In 1997, Against the odds : New Zealand Paralympians said this classification was graded along a gradient, with S1 being the most disabled and S10 being the least disabled.

== At the Paralympic Games ==
For the 2016 Summer Paralympics in Rio, the International Paralympic Committee had a zero classification at the Games policy. This policy was put into place in 2014, with the goal of avoiding last minute changes in classes that would negatively impact athlete training preparations.

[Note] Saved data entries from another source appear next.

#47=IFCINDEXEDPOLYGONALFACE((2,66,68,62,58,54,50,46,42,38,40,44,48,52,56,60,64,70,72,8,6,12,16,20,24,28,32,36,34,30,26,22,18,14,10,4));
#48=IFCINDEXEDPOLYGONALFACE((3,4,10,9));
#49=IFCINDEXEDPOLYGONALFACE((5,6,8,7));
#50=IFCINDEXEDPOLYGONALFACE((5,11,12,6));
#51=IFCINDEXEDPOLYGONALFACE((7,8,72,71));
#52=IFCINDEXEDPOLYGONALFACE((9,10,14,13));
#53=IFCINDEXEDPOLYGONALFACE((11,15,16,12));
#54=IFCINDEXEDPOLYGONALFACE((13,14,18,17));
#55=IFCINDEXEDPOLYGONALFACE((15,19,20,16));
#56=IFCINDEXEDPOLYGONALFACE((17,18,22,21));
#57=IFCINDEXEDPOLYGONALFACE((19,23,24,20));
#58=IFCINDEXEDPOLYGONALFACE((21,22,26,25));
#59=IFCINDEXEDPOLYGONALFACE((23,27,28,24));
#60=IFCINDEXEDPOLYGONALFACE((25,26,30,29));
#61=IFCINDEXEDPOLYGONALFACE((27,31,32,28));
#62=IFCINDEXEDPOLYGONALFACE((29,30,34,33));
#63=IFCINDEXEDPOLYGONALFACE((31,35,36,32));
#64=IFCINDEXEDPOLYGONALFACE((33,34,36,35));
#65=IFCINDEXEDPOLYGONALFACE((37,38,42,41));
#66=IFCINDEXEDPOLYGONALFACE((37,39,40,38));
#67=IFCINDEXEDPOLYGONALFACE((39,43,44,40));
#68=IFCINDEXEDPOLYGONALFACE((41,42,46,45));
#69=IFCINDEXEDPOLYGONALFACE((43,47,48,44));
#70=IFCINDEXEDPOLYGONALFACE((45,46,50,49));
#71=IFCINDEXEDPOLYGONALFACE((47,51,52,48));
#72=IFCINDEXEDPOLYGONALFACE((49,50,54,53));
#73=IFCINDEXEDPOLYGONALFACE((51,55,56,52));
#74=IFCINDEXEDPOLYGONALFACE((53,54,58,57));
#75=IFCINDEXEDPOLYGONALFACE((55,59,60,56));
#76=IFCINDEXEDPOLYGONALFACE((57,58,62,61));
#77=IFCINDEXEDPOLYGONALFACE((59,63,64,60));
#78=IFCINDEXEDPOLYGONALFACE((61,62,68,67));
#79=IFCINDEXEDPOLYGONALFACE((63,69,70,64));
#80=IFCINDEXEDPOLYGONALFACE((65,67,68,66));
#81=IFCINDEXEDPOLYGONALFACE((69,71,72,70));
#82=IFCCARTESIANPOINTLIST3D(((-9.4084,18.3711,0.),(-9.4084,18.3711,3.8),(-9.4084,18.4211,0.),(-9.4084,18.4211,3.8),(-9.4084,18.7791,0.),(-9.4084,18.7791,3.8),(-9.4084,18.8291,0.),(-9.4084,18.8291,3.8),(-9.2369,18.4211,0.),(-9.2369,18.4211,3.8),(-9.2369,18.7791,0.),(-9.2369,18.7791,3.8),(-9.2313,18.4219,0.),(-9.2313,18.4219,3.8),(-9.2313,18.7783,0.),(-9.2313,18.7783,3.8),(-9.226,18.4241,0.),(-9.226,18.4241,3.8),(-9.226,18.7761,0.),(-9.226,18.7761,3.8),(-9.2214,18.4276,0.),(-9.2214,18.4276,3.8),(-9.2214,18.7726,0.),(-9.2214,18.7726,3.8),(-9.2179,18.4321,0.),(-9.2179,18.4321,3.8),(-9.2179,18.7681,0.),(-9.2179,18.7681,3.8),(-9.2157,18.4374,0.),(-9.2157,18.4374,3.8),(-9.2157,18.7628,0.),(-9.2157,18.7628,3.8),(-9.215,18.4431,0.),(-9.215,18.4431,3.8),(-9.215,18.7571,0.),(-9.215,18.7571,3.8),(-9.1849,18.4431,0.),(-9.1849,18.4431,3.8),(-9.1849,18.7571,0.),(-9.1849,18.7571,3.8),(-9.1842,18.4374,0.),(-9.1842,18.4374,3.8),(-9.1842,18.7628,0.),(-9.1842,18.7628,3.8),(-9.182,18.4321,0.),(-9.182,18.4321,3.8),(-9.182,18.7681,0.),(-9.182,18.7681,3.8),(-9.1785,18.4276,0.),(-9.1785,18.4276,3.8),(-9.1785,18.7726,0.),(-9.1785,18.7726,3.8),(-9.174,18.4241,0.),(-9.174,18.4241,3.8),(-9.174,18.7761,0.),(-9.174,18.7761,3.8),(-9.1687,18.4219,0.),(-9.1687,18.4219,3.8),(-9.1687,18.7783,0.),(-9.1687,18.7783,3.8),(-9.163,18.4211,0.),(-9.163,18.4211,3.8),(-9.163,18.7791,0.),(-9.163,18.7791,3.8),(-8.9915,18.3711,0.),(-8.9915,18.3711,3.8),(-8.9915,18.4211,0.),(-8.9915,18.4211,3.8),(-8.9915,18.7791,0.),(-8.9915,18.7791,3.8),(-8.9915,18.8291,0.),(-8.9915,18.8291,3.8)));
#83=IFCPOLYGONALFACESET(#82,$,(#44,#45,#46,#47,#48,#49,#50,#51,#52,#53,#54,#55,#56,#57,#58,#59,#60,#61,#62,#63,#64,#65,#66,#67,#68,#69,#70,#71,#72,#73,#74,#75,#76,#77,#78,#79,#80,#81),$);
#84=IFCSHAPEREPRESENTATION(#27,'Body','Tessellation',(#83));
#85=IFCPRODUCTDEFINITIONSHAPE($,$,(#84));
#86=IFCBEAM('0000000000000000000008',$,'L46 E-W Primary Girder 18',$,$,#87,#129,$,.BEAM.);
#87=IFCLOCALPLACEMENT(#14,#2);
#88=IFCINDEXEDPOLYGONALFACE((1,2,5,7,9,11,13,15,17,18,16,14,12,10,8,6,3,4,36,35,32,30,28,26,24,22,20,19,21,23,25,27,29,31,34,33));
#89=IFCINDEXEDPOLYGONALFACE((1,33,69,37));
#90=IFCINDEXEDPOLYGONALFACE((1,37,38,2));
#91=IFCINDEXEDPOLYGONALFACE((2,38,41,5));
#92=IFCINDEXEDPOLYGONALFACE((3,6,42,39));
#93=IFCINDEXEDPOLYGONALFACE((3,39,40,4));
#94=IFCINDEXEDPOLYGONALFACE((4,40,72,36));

All competitors needed to be internationally classified with their classification status confirmed prior to the Games, with exceptions to this policy being dealt with on a case-by-case basis.

==Competitions==
For this classification, organisers of the Paralympic Games have the option of including the following events on the Paralympic programme: 50 m and 100 m Freestyle, 400 m Freestyle, 100 m Backstroke, 100 m Butterfly, 100 m Breaststroke, and 200 m Individual Medley events.

===Paralympic records===
The table below records the fastest ever Paralympic record in this class for specific events.

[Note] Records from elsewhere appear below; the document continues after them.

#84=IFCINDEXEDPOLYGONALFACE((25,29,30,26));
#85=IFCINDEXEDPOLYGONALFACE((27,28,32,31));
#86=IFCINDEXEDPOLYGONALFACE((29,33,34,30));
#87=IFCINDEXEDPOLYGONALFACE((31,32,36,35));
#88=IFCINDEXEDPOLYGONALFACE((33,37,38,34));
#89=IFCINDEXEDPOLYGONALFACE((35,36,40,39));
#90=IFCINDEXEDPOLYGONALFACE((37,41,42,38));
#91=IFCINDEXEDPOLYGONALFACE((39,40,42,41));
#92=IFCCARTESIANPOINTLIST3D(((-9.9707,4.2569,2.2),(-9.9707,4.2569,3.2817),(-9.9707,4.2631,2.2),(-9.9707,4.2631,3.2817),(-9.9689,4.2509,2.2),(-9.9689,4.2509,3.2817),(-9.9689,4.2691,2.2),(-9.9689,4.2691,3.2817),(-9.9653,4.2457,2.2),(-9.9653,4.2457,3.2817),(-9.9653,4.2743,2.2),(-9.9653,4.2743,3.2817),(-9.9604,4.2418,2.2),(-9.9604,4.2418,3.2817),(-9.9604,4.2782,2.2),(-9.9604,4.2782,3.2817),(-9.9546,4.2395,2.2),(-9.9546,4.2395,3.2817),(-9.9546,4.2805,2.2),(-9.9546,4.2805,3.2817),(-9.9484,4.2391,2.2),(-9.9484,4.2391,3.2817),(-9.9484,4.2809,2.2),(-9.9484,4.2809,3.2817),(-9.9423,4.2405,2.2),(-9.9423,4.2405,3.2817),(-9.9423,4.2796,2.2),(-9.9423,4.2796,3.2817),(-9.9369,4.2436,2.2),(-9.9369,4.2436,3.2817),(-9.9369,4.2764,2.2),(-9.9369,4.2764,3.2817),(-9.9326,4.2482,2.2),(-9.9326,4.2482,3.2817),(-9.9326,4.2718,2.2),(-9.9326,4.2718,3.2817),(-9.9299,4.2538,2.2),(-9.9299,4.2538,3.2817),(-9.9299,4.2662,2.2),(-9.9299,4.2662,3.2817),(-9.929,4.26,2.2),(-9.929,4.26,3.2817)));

| Event | Class | Time |  | Name | Nation | Date | Games | Ref |
| 50 m freestyle | S8 | 26.45 | WR | Xiaofu Wang | China | Sep 14, 2008 | 2008 Beijing |  |  |
| 100 m freestyle | S8 | 58.84 |  | Xiaofu Wang | China | Sep 8, 2008 | 2008 Beijing |  |  |
| 400 m freestyle | S8 | 4:26.25 | WR | Sam Hynd | Great Britain | Sep 12, 2008 | 2008 Beijing |  |  |
| 100 m backstroke | S8 | 1:06.33 | WR | Konstantin Lisenkov | Russia | Sep 10, 2008 | 2008 Beijing |  |  |
| 100 m backstroke | S8 | 1:06.33 | WR | Konstantin Lisenkov | Russia | Sep 10, 2008 | 2008 Beijing |  |  |
| 100 m butterfly | S8 | 1:00.95 | WR | Peter Alan Stuart Leek | Australia | Sep 7, 2008 | 2008 Beijing |  |  |
| 100 m freestyle | S8 | 1:05.32 | WR | Maddison Elliott | Australia | Jul 25, 2014 | 2014 Commonwealth Games |  |  |

==Records==
In the S8 50 m Freestyle Long Course, the men's world record is held by China's Xiaofu Wang with a time of 00:26.45 and the women's world record is held by China's Shengnan Jiang with a time of 00:30.85. In the S8 100 m Freestyle Long Course, the men's world record is held by Australia's Peter Leek and the women's world record is held by Australia's Maddison Elliott.

==Getting classified==
Swimming classification generally has three components. The first is a bench press. The second is water test. The third is in competition observation. As part of the water test, swimmers are often required to demonstrate their swimming technique for all four strokes. They usually swim a distance of 25 meters for each stroke. They are also generally required to demonstrate how they enter the water and how they turn in the pool.

Classification generally has four phases. The first stage of classification is a health examination. For amputees in this class, this is often done on site at a sports training facility or competition. The second stage is observation in practice, the third stage is observation in competition and the last stage is assigning the sportsperson to a relevant class. Sometimes the health examination may not be done on site for amputees in this class because the nature of the amputation could cause not physically visible alterations to the body.

In Australia, to be classified in this category, athletes contact the Australian Paralympic Committee or their state swimming governing body. In the United States, classification is handled by the United States Paralympic Committee on a national level. The classification test has three components: "a bench test, a water test, observation during competition." American swimmers are assessed by four people: a medical classified, two general classified and a technical classifier.

==Competitors==

Swimmers who have competed in this classification include Amanda Everlove, Sean Fraser, and Heather Frederiksen, who all won medals in their class at the 2008 Paralympics. World champion Robert Griswold is also in this class.